Not necessarily. ffmpeg-free from Fedora’s default repository handles open formats like VP9, AV1, Opus, and FLAC without RPM Fusion. However, if you need to encode H.264 (libx264) or H.265 (libx265) video, which most MP4 workflows require, you need the RPM Fusion build.
FFmpeg updates through your regular system updates. Run sudo dnf upgrade --refresh to pull the latest version from whichever repository you installed it from (Fedora default or RPM Fusion). For a targeted update without upgrading other packages, use sudo dnf install --only-upgrade ffmpeg or sudo dnf install --only-upgrade ffmpeg-free.
This error means you have ffmpeg-free installed, which lacks the libx264 encoder.

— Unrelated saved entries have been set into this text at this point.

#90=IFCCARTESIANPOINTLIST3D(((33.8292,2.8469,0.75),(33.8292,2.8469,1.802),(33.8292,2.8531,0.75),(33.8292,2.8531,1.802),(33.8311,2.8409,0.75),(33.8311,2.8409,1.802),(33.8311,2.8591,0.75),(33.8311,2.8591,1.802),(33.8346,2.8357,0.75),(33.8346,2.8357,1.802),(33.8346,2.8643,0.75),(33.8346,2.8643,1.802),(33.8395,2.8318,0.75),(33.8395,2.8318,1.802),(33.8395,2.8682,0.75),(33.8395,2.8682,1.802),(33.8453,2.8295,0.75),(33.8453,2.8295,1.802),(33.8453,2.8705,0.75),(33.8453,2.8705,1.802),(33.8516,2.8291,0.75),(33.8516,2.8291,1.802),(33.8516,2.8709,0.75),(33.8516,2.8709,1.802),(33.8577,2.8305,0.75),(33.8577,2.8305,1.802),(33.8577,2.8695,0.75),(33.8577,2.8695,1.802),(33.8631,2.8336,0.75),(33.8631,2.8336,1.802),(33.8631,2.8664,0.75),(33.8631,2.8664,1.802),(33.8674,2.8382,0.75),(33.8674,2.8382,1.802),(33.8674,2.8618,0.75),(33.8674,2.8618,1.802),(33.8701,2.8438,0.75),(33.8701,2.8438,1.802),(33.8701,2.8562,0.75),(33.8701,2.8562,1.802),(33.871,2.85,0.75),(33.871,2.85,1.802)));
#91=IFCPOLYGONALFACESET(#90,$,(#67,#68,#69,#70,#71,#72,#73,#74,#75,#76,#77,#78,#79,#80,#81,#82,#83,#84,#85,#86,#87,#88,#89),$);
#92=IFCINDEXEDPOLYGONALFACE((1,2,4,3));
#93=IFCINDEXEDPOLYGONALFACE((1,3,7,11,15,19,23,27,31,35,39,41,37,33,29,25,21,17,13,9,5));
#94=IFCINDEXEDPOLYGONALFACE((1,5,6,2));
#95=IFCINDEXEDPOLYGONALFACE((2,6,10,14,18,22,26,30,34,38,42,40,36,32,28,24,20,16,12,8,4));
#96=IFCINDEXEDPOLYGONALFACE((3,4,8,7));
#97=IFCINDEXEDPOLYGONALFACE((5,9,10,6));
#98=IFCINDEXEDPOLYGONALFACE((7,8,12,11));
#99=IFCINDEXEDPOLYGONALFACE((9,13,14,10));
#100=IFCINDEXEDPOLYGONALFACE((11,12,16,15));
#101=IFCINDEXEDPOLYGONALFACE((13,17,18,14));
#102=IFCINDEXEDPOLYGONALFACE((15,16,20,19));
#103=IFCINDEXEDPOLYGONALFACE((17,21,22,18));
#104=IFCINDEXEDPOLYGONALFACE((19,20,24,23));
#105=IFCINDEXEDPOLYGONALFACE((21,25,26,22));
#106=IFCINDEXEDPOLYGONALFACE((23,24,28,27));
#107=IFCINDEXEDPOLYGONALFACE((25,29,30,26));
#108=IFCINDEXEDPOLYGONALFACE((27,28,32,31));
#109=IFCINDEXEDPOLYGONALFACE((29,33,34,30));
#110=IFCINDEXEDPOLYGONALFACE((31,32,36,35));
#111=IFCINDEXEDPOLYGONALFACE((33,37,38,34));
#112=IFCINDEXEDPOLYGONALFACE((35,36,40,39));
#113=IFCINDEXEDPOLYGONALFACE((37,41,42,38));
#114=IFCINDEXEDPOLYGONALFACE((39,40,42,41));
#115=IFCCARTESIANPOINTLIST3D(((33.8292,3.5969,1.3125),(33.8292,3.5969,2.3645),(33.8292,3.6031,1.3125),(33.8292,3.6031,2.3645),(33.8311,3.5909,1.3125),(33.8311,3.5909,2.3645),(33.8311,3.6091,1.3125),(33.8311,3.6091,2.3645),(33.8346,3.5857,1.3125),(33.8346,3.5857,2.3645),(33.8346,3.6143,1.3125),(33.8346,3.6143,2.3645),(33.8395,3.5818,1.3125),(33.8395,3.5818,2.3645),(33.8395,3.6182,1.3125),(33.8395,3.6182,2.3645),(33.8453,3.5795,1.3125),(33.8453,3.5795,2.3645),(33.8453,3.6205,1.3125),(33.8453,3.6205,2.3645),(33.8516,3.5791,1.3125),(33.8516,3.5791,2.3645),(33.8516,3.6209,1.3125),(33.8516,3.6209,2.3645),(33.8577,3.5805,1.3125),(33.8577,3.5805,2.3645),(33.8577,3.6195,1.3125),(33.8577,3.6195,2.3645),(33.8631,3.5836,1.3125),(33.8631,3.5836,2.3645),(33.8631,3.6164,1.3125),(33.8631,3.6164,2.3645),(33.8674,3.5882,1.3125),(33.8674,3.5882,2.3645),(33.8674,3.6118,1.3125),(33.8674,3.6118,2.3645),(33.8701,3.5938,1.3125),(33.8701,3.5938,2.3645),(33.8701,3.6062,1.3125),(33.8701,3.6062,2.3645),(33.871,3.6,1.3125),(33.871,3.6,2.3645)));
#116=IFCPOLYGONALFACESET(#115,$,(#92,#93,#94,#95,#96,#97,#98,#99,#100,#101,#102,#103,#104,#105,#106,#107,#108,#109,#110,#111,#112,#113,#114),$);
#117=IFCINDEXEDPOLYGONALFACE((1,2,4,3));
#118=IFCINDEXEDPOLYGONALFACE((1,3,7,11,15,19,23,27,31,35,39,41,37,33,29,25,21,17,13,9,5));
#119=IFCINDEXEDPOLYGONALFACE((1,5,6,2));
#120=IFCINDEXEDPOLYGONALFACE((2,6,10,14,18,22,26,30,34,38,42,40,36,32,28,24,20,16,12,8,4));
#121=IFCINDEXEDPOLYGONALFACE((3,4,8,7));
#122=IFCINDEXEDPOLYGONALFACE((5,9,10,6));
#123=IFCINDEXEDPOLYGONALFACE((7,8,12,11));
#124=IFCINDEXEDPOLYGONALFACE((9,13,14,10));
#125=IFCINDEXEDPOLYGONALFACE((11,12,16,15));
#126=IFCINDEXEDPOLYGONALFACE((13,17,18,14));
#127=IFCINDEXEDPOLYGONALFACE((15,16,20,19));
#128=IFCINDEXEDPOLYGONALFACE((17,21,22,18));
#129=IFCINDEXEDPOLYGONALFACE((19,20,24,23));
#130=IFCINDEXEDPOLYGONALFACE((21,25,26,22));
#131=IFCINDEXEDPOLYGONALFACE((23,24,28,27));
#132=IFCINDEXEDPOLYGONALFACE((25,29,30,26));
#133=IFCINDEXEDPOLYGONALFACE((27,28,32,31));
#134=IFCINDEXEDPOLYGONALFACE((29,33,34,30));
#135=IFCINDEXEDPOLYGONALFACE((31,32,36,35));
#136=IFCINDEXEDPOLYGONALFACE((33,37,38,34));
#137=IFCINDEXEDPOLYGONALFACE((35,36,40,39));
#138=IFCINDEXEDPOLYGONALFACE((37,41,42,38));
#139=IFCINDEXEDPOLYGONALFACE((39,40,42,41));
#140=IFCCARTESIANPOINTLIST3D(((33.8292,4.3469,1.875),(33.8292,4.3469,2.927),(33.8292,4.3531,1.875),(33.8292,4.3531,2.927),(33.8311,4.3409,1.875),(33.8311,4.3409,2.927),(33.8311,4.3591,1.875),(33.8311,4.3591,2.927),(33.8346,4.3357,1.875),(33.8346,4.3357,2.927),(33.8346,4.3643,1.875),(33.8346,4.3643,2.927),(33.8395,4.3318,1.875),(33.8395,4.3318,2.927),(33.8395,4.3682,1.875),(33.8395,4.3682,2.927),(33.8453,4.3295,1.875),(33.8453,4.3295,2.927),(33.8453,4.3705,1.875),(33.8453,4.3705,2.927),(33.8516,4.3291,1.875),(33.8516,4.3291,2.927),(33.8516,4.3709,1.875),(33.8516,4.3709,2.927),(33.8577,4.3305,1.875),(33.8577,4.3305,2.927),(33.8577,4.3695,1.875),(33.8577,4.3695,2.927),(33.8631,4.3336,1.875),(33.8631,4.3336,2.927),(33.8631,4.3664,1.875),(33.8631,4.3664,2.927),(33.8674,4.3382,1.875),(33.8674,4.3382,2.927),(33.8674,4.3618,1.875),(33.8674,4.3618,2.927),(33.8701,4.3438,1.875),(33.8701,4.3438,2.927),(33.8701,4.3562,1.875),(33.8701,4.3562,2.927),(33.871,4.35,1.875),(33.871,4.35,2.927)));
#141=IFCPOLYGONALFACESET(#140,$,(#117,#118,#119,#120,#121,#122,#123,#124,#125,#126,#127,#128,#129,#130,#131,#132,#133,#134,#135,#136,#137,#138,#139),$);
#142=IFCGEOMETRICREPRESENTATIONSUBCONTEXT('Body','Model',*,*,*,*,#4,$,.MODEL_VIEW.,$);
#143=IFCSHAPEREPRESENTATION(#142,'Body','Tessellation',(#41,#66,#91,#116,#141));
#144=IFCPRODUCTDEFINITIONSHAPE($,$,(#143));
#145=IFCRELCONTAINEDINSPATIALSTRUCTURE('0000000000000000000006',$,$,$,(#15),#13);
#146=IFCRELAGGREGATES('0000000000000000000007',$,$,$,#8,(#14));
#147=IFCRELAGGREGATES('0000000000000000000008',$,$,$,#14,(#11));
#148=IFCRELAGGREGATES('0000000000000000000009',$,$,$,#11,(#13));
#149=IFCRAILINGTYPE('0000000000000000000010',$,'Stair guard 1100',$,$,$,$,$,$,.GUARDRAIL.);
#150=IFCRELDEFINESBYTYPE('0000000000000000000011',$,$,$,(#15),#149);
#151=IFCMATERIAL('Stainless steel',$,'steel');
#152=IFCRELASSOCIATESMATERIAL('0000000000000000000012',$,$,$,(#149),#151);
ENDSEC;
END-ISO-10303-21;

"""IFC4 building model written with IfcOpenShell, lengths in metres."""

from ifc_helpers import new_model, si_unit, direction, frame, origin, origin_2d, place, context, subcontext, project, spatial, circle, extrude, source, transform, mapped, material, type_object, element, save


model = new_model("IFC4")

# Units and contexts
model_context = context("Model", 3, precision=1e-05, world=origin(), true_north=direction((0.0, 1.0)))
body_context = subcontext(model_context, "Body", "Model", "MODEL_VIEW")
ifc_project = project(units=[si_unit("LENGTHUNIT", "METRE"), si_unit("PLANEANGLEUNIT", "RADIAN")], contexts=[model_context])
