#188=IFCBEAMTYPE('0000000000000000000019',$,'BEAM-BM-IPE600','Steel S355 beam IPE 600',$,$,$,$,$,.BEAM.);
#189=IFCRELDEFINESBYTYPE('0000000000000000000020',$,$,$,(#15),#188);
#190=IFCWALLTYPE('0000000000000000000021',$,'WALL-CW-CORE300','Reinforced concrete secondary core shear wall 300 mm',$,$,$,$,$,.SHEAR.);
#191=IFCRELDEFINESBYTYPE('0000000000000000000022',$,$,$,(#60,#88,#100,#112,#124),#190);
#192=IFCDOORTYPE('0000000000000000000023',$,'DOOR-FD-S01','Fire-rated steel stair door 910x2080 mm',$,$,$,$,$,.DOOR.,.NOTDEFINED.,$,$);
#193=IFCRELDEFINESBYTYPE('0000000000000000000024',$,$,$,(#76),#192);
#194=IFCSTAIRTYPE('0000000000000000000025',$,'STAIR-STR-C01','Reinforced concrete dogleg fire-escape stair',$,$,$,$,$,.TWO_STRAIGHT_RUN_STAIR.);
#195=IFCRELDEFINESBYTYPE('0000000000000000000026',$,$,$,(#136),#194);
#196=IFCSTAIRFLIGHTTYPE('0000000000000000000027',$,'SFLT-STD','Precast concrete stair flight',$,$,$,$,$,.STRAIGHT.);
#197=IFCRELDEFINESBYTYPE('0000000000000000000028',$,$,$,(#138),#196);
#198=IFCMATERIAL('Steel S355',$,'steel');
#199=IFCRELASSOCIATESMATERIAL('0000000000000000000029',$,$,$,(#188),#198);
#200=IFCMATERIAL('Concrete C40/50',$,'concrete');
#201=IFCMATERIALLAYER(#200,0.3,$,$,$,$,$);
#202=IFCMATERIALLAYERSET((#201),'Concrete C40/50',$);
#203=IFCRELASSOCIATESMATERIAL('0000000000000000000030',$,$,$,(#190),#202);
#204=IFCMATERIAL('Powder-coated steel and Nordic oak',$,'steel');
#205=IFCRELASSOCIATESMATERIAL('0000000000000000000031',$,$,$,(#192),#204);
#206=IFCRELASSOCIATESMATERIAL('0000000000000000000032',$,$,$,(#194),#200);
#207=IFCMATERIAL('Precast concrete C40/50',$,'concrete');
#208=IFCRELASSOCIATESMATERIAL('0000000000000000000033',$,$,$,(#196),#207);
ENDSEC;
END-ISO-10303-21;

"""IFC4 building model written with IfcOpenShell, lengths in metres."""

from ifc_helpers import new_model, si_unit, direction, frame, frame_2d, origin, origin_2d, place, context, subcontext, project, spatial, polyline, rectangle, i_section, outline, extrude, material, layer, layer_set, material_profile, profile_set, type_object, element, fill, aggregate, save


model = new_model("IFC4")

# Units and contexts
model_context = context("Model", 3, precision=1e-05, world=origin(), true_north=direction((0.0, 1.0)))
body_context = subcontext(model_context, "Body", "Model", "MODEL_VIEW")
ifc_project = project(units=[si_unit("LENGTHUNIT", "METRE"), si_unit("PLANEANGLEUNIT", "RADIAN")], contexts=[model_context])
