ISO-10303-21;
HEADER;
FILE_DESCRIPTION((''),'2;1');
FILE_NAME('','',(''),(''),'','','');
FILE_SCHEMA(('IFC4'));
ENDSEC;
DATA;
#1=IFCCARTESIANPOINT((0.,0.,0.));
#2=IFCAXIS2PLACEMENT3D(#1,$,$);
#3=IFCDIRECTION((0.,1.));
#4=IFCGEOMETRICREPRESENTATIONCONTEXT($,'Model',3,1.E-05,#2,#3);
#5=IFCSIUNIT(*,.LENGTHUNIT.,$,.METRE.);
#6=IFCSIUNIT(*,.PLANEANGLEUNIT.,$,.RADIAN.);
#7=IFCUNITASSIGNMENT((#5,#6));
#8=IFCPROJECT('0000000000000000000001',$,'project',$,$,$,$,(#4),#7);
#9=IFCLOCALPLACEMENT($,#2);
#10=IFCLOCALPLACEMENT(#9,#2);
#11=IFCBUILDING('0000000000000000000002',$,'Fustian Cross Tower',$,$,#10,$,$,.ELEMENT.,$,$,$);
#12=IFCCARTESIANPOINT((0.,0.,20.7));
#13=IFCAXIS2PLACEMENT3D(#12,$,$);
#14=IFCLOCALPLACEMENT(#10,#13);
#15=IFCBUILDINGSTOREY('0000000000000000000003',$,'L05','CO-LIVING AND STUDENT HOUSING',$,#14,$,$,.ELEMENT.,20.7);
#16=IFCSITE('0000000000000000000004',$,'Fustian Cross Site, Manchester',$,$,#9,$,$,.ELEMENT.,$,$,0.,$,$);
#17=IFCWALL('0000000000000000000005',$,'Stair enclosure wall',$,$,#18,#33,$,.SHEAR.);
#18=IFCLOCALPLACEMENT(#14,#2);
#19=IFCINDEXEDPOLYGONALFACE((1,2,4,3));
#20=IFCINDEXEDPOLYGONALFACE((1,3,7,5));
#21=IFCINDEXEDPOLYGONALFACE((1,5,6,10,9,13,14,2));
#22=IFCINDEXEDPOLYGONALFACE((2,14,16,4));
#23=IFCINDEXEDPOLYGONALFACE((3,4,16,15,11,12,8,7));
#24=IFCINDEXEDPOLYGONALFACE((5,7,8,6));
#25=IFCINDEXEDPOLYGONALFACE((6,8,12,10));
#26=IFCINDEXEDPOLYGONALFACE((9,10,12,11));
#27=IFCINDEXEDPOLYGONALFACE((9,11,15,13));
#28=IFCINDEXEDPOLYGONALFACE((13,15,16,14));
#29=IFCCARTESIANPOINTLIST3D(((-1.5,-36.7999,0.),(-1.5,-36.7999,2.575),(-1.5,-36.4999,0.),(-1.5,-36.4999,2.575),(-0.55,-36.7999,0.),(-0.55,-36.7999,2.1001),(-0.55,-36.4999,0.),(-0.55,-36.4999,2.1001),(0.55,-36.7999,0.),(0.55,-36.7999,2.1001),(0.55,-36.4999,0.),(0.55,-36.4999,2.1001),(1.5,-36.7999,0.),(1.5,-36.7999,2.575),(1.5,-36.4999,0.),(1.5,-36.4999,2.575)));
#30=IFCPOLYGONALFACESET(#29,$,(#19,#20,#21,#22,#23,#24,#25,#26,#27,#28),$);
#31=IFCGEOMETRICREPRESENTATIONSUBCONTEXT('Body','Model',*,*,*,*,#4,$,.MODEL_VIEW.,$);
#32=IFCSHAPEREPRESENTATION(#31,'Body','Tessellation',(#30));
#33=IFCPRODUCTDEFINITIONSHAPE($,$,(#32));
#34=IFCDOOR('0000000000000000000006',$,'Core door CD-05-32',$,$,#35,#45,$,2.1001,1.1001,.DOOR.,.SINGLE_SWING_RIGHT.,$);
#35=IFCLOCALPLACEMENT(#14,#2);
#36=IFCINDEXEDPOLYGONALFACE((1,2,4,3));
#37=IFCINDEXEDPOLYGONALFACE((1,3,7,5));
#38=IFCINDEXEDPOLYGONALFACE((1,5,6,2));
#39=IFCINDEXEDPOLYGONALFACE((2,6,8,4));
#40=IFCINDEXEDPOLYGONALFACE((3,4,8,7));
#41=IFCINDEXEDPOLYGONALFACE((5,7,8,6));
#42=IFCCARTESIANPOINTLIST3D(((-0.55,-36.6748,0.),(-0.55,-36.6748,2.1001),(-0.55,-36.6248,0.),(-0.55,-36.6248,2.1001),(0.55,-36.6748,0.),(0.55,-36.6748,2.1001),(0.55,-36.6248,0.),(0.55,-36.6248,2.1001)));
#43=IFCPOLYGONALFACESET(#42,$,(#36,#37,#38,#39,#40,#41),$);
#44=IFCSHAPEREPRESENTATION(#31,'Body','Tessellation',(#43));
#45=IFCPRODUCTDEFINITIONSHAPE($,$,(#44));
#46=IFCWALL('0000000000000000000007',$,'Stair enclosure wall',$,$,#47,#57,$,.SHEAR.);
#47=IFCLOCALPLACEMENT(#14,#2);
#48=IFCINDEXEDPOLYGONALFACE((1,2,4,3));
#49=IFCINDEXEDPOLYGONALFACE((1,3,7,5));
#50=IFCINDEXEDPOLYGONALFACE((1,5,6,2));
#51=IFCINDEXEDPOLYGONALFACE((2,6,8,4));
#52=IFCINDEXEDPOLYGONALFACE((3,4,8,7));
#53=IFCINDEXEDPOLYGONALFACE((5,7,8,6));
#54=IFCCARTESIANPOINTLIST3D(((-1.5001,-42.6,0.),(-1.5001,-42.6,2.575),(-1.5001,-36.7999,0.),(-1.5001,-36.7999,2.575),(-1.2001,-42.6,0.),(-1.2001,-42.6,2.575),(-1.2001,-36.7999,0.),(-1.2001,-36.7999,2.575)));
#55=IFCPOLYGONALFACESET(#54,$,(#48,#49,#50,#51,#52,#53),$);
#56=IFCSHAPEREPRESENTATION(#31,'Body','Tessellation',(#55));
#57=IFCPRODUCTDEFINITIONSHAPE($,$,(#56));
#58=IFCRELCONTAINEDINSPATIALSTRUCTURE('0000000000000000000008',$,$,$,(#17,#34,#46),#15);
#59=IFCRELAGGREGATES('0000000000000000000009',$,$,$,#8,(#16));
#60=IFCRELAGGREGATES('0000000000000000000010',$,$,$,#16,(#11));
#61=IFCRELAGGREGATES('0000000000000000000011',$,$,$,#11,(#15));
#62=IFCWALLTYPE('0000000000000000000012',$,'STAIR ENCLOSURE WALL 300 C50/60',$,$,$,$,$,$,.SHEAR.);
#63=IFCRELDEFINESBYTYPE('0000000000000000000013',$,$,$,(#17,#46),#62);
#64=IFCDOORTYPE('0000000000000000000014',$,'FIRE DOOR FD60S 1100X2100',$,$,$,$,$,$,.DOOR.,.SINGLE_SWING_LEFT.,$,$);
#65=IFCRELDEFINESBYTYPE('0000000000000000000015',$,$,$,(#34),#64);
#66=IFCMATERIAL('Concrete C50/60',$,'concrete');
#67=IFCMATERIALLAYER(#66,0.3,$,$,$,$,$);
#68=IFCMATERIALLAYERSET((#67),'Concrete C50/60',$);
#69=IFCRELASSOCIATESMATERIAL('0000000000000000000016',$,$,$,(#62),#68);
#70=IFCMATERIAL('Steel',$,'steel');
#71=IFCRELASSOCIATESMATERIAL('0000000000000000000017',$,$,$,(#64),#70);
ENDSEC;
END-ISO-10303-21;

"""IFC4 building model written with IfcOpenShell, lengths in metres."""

from ifc_helpers import new_model, si_unit, direction, frame, frame_2d, origin, place, context, subcontext, project, spatial, rectangle, extrude, material, layer, layer_set, type_object, element, fill, save


model = new_model("IFC4")

# Units and contexts
model_context = context("Model", 3, precision=1e-05, world=origin(), true_north=direction((0.0, 1.0)))
body_context = subcontext(model_context, "Body", "Model", "MODEL_VIEW")
ifc_project = project(units=[si_unit("LENGTHUNIT", "METRE"), si_unit("PLANEANGLEUNIT", "RADIAN")], contexts=[model_context])

# Site, building, storey
site_placement = place(None, origin())
site = spatial("IfcSite", under=ifc_project, at=site_placement, Name="Fustian Cross Site, Manchester", CompositionType="ELEMENT", RefElevation=0.0)
building_placement = place(site_placement, origin())
building = spatial("IfcBuilding", under=site, at=building_placement, Name="Fustian Cross Tower", CompositionType="ELEMENT")
storey_placement = place(building_placement, frame((0.0, 0.0, 20.7)))
storey = spatial("IfcBuildingStorey", under=building, at=storey_placement, Name="L05", Description="CO-LIVING AND STUDENT HOUSING", CompositionType="ELEMENT", Elevation=20.7)

# Wall, opening, door
ifc_material_1 = material(Name="Concrete C50/60", Category="concrete")
ifc_layer_1 = layer(ifc_material_1, 0.3)
ifc_layer_set_1 = layer_set([ifc_layer_1], Name="Concrete C50/60")
wall_type_1 = type_object("IfcWallType", Name="STAIR ENCLOSURE WALL 300 C50/60", PredefinedType="SHEAR", material=ifc_layer_set_1)
wall_1_placement = place(storey_placement, frame((-1.5, -36.6499, 0.0), z_axis=(0.0, 0.0, 1.0), x_axis=(1.0, 0.0, 0.0)))
wall_1 = element("IfcWall", 1, at=wall_1_placement, inside=storey, type_object=wall_type_1, Name="Stair enclosure wall", PredefinedType="SHEAR", context=body_context, shape_type="SweptSolid", body=[
    extrude(rectangle(XDim=3.0, YDim=0.3, at=frame_2d((1.5, 0.0))), origin(), (0.0, 0.0, 1.0), 2.575),
])
opening_1_placement = place(wall_1_placement, frame((0.95, 0.0, 0.0)))
opening_1 = element("IfcOpeningElement", 2, at=opening_1_placement, cuts=wall_1, PredefinedType="OPENING", context=body_context, shape_type="SweptSolid", body=[
    extrude(rectangle(XDim=1.1001, YDim=2.1001, at=frame_2d((0.55, 1.05))), frame((0.0, 0.1599, 0.0), z_axis=(0.0, -1.0, 0.0), x_axis=(1.0, 0.0, 0.0)), (0.0, 0.0, 1.0), 0.3201),
])
ifc_material_2 = material(Name="Steel", Category="steel")
door_type_1 = type_object("IfcDoorType", Name="FIRE DOOR FD60S 1100X2100", OperationType="SINGLE_SWING_LEFT", PredefinedType="DOOR", material=ifc_material_2)
door_1_placement = place(opening_1_placement, frame((1.1001, 0.0, 0.0), z_axis=(0.0, 0.0, 1.0), x_axis=(-1.0, 0.0, 0.0)))
door_1 = element("IfcDoor", 3, at=door_1_placement, inside=storey, type_object=door_type_1, Name="Core door CD-05-32", OperationType="SINGLE_SWING_RIGHT", OverallHeight=2.1001, OverallWidth=1.1001, PredefinedType="DOOR", context=body_context, shape_type="SweptSolid", body=[
    extrude(rectangle(XDim=1.1001, YDim=2.1001, at=frame_2d((0.55, 1.05))), frame((0.0, 0.0249, 0.0), z_axis=(0.0, -1.0, 0.0), x_axis=(1.0, 0.0, 0.0)), (0.0, 0.0, 1.0), 0.05),
])
fill(opening_1, door_1)

# Wall
wall_2_placement = place(storey_placement, frame((-1.3501, -36.8, 0.0), z_axis=(0.0, 0.0, 1.0), x_axis=(0.0, -1.0, 0.0)))
element("IfcWall", 4, at=wall_2_placement, inside=storey, type_object=wall_type_1, Name="Stair enclosure wall", PredefinedType="SHEAR", context=body_context, shape_type="SweptSolid", body=[
    extrude(rectangle(XDim=5.8, YDim=0.3, at=frame_2d((2.8999, 0.0))), origin(), (0.0, 0.0, 1.0), 2.575),
])

save(model, "model.ifc")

Switch to the RPM Fusion build by running: sudo dnf swap ffmpeg-free ffmpeg --allowerasing. After the swap completes, the libx264 and libx265 encoders become available.
The libavcodec-freeworld package is no longer available on current Fedora releases. RPM Fusion now provides the full ffmpeg package instead, which includes libavcodec and all codec libraries. To get full codec support, install the RPM Fusion FFmpeg package with: sudo dnf swap ffmpeg-free ffmpeg --allowerasing.
Useful FFmpeg Links and Resources
- FFmpeg Official Website: Download, news, and project information.
- FFmpeg Documentation: Complete reference for all CLI tools, filters, codecs, and library APIs.
- FFmpeg Wiki and Bug Tracker: Community wiki with encoding guides and issue reporting.
- FFmpeg Mailing Lists: Developer and user mailing lists for support and discussion.
Conclusion
You now have FFmpeg installed with full codec support and hardware acceleration configured on Fedora. The ffmpeg-free package handles open formats, while the RPM Fusion build adds libx264, libx265, and AAC support for broader compatibility. To extend your multimedia workflow, pair FFmpeg with HandBrake for GUI-based video encoding, VLC for playback verification, OBS Studio for live streaming and recording, or ImageMagick for image processing alongside video tasks.